17. Sebutkan cara melakukan levering beserta dasar hukumnya !


Jawaban :
Berdasarkan KUHPer pasal 612-616, cara melakukan levering barang dibagi
menjadi 3,
yaitu :
1. Sesuai KUHPer pasal 612, Jika benda bergerak diserahkan secara nyata
(feitelijk levering).
2. Sesuai KUHPer pasal 616, Jika tidak bergerak diserahkan dengan cara
balik nama (overschrijving).
3. Sesuai KUHPer pasal 613, Jika benda tidak berwujud diserahkan secara
cessie.

18. Sebutkan dan jelaskan mengenai sistem causal dalam perjanjian jual
beli?
Jawaban :
Menurut pasal 584 BW, Sistem Causal merupakan sistem yang digunakan
untuk menggantungkan sah tidaknya levering pada 2 syarat, yaitu :
- Ketentuan sahnya titel (jual-belinya, tukar-menukarnya, atau
penghibahannya) yang menjadi dasar dilakukannya levering.
- Levering dilakukan oleh orang yang berhak berbuat bebas
(beschikkingsbevoegd) terhadap benda yang diserahkan.

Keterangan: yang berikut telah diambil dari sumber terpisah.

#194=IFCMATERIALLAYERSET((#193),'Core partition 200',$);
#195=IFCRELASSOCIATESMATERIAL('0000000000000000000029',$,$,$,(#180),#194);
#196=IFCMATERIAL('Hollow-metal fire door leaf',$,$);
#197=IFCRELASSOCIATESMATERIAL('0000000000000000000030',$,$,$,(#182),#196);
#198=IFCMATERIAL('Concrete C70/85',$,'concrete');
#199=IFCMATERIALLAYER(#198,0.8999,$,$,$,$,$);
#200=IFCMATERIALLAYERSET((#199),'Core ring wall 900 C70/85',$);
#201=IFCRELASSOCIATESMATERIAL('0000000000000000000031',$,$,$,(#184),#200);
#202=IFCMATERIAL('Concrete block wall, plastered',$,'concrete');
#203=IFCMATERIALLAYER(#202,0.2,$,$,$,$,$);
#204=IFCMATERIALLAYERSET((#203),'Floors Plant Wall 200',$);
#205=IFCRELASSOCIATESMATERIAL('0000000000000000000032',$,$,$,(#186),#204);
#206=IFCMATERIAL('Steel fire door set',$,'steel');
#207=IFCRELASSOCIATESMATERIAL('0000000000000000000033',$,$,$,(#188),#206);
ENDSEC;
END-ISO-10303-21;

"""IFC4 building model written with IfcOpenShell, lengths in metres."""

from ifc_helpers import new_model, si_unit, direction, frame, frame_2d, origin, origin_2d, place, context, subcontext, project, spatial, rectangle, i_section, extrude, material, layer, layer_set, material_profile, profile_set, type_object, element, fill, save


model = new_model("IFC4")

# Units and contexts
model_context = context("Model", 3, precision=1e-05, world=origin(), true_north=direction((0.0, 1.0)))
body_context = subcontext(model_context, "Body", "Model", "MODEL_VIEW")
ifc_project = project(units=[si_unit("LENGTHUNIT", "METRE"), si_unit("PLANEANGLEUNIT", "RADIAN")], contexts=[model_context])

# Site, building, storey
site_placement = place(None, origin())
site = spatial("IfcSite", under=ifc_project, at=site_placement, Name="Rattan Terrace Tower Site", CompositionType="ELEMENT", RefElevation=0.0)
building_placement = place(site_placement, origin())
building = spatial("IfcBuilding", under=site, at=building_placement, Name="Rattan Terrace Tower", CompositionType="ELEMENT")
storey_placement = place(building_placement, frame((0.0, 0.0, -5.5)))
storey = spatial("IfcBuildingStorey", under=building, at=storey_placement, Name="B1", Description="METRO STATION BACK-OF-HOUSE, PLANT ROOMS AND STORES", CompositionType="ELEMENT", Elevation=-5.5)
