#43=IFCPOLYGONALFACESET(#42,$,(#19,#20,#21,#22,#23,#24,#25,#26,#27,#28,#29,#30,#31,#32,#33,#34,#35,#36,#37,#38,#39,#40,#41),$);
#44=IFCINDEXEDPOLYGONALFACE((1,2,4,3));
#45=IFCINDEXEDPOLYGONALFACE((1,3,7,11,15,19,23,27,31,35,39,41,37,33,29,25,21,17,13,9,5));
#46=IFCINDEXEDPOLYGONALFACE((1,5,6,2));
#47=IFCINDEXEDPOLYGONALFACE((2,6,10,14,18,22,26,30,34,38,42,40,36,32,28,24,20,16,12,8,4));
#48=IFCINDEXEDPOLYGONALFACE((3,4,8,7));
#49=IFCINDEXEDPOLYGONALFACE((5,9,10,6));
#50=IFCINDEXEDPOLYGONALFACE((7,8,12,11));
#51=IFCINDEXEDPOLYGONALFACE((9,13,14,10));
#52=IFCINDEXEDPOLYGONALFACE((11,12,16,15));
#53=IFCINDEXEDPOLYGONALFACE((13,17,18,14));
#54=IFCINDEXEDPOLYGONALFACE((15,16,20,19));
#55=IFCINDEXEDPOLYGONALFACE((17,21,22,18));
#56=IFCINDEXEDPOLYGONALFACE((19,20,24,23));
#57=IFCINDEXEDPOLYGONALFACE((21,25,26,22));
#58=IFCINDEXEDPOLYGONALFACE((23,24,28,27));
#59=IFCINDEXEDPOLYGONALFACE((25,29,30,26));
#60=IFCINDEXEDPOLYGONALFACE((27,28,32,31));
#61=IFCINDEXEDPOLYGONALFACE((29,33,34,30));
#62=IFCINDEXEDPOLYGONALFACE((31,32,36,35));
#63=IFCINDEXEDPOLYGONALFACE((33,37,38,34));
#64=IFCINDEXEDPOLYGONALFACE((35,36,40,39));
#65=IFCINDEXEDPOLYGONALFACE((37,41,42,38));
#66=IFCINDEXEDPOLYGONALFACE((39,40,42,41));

19. Sebutkan kewajiban penjual dan kewajiban pembeli dalam perjanjian


jual beli beserta dasar hukumnya !
Jawaban :
A. Kewajiban penjual : penjual wajib menyerahkan barang dan vrijwaren
atau menjamin
B. Kewajiban pembeli : membayar harga barang yang dijual belikan dan
pembayaran dilakukan pada waktu dan tempat dilakukan penyerahan.

20. Sebut dan jelaskan mengenai larangan dalam perjanjian jual beli
beserta dasar hukumnya !
Jawaban :
Larangan dalam melakukan perjanjian jual beli ada 3 kelompok yang diatur
berdasarkan aturan KUHPer 1457-1550 sebagai berikut :
1. Perjanjian jual beli antara Suami & istri
2. Perjanjian jual beli oleh profesi Hakim, jaksa, pengacara, juru sita, &
notaris yg berkaitan dgn tugas mereka.
3. Perjanjian jual beli para pegawai yanfg bertugas langsung
menyelenggarakan & menyaksikan penjualan suatu barang.